Process of finding relevant documents from a collection based on a query.
Traditional Search:
- Keyword matching (TF-IDF, BM25)
- Boolean queries (AND, OR, NOT)
- Fast but limited by exact matches
Semantic Search:
- Understanding meaning, not just keywords
- Finds conceptually similar documents
- Better handles synonyms and paraphrasing
Vector Search Fundamentals
Core Concept: Represent text as numerical vectors (embeddings) in high-dimensional space. Similar meanings → similar vectors.
Process:
- Convert query to vector
- Find nearest vectors in database
- Return corresponding documents
Advantages:
- Semantic similarity
- Language-independent (with multilingual models)
- Efficient at scale
Embedding Models and Representation Learning
What Are Embeddings?
Definition: Dense numerical vector representations of text that capture semantic meaning.
Example:
"king" → [0.2, 0.5, -0.1, ..., 0.3] (768 dimensions)
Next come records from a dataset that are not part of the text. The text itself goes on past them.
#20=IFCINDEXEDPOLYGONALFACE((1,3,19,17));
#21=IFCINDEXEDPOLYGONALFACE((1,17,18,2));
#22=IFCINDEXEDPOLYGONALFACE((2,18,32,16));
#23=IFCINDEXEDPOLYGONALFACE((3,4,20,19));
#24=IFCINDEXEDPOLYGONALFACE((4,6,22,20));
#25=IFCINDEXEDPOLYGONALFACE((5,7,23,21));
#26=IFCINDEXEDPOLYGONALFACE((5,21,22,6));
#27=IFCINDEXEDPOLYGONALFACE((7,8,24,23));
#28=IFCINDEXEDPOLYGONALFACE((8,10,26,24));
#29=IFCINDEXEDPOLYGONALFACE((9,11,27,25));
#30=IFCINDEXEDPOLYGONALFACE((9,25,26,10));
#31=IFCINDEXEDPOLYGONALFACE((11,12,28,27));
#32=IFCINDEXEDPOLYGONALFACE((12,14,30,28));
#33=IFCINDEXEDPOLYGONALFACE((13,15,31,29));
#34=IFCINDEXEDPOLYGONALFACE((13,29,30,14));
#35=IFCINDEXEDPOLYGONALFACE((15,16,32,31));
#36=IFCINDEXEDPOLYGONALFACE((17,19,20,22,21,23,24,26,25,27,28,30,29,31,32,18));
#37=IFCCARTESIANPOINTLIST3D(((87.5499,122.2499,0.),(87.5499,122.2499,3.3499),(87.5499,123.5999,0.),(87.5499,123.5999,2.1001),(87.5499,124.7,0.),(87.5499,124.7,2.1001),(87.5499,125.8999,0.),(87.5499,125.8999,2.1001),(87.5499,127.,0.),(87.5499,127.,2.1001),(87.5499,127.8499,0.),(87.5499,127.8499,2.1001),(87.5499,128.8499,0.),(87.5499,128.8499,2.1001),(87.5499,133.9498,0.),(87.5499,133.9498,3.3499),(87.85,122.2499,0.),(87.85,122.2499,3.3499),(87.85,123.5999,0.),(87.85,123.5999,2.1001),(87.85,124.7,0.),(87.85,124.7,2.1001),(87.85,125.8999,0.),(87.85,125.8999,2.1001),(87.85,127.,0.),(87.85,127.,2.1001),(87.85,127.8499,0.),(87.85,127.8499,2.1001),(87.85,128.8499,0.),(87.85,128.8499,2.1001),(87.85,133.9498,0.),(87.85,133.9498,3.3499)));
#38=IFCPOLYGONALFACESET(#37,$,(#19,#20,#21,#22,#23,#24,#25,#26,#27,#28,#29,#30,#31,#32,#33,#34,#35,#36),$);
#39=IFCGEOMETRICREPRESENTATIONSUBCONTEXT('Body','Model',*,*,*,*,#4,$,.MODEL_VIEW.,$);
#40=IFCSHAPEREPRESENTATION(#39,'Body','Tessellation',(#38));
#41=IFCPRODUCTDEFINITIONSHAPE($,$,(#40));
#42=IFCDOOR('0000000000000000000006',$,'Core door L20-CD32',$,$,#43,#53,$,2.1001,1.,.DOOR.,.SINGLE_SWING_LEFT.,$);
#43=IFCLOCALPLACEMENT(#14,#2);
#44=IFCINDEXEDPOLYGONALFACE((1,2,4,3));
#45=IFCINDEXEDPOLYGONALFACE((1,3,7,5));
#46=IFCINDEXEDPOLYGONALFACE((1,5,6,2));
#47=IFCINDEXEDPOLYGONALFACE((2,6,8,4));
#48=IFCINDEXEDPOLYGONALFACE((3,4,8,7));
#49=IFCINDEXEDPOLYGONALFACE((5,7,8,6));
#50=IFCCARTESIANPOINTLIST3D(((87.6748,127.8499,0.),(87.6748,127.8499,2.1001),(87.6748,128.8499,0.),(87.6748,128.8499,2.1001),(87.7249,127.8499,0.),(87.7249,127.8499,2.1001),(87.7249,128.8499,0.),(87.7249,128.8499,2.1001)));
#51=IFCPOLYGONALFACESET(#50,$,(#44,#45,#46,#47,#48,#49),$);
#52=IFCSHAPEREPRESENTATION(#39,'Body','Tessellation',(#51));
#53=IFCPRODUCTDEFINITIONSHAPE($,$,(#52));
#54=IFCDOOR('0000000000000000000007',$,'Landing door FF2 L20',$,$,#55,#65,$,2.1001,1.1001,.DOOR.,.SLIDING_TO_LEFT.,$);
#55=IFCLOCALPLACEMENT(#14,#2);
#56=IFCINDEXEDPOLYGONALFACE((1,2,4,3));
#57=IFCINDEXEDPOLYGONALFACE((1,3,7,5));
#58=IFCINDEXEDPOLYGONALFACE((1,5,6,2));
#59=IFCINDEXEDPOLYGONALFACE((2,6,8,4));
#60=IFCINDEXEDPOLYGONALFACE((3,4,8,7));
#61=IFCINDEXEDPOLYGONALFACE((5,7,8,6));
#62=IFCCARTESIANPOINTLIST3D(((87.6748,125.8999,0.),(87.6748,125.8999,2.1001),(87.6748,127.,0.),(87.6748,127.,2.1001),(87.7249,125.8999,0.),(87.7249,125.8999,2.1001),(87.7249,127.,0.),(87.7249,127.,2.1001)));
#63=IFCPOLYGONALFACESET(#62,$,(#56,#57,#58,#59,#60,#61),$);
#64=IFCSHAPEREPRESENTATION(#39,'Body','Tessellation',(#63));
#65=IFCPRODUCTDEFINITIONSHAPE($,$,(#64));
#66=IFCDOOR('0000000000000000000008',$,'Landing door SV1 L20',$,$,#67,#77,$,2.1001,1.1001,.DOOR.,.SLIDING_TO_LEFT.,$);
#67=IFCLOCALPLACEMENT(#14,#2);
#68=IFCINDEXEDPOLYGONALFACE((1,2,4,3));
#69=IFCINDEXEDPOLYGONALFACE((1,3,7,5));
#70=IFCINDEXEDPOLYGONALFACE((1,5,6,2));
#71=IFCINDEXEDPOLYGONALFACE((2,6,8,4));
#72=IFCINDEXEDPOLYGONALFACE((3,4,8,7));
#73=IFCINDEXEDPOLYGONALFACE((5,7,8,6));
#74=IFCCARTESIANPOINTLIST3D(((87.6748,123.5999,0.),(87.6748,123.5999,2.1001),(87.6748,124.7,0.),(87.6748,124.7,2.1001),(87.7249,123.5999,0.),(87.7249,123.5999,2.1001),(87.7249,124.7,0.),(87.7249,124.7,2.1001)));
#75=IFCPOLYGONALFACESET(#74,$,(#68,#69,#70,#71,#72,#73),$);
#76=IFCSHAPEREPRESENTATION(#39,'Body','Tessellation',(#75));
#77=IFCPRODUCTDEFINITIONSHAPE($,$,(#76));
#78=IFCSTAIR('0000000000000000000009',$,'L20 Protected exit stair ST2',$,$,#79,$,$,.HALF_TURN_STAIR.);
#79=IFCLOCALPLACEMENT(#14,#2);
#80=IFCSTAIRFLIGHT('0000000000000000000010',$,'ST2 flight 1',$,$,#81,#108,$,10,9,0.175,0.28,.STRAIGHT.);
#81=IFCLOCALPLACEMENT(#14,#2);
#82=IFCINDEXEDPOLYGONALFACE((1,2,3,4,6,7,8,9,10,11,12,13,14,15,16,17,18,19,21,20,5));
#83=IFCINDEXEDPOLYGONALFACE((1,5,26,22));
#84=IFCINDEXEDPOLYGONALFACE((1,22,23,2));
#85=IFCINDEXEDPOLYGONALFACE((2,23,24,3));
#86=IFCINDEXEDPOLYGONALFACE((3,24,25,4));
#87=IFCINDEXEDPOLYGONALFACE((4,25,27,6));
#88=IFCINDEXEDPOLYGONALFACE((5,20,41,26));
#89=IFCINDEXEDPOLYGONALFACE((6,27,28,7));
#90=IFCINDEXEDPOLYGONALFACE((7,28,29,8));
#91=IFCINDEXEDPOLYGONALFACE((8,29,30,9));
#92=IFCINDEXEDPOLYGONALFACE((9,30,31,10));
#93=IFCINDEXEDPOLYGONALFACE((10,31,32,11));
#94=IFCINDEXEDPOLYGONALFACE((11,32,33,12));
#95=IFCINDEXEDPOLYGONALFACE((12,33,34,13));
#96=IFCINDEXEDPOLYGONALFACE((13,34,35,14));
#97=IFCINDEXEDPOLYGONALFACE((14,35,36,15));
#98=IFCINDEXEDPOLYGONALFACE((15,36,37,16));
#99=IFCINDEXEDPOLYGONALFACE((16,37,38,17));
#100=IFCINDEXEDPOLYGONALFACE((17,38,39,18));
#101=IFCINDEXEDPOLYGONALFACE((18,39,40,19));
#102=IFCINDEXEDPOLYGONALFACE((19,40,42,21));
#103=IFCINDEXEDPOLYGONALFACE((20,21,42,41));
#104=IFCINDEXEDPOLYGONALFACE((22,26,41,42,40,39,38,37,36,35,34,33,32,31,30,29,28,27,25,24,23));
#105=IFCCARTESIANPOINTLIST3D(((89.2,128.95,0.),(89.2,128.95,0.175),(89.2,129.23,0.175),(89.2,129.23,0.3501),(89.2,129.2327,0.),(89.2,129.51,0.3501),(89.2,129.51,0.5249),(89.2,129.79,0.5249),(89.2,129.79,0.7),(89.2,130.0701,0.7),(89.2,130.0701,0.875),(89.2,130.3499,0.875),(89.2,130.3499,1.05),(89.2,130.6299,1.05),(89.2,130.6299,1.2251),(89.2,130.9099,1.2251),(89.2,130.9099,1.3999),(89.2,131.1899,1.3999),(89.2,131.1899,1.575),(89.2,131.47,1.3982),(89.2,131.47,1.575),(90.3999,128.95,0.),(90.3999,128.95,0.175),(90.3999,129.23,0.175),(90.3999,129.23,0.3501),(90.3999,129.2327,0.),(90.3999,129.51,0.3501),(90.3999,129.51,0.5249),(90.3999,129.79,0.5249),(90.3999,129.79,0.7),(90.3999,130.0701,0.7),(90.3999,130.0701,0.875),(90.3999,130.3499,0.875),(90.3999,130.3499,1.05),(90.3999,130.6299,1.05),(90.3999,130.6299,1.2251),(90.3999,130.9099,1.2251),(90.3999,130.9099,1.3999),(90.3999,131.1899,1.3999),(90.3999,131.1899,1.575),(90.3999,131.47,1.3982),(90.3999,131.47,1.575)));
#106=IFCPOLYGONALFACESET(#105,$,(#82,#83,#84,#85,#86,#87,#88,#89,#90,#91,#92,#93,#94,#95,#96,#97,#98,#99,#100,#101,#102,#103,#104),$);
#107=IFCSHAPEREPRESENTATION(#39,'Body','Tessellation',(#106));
"queen" → [0.18, 0.52, -0.09, ..., 0.29] (similar vector!)
Key Property: Semantically similar text has similar embeddings.
Popular Embedding Models
OpenAI text-embedding-ada-002:
- 1536 dimensions
- General purpose
- Cloud API
sentence-transformers (Open-Source):
- all-MiniLM-L6-v2: Fast, 384 dimensions
- all-mpnet-base-v2: Better quality, 768 dimensions
- Can run locally
Domain-Specific Models:
- BioBERT for biomedical text
- FinBERT for financial documents
- CodeBERT for source code
Embedding Generation Process
# Example with sentence-transformers
from sentence_transformers import SentenceTransformer
model = SentenceTransformer('all-MiniLM-L6-v2')
# Generate embeddings
text = "Azure Local provides sovereign cloud capabilities"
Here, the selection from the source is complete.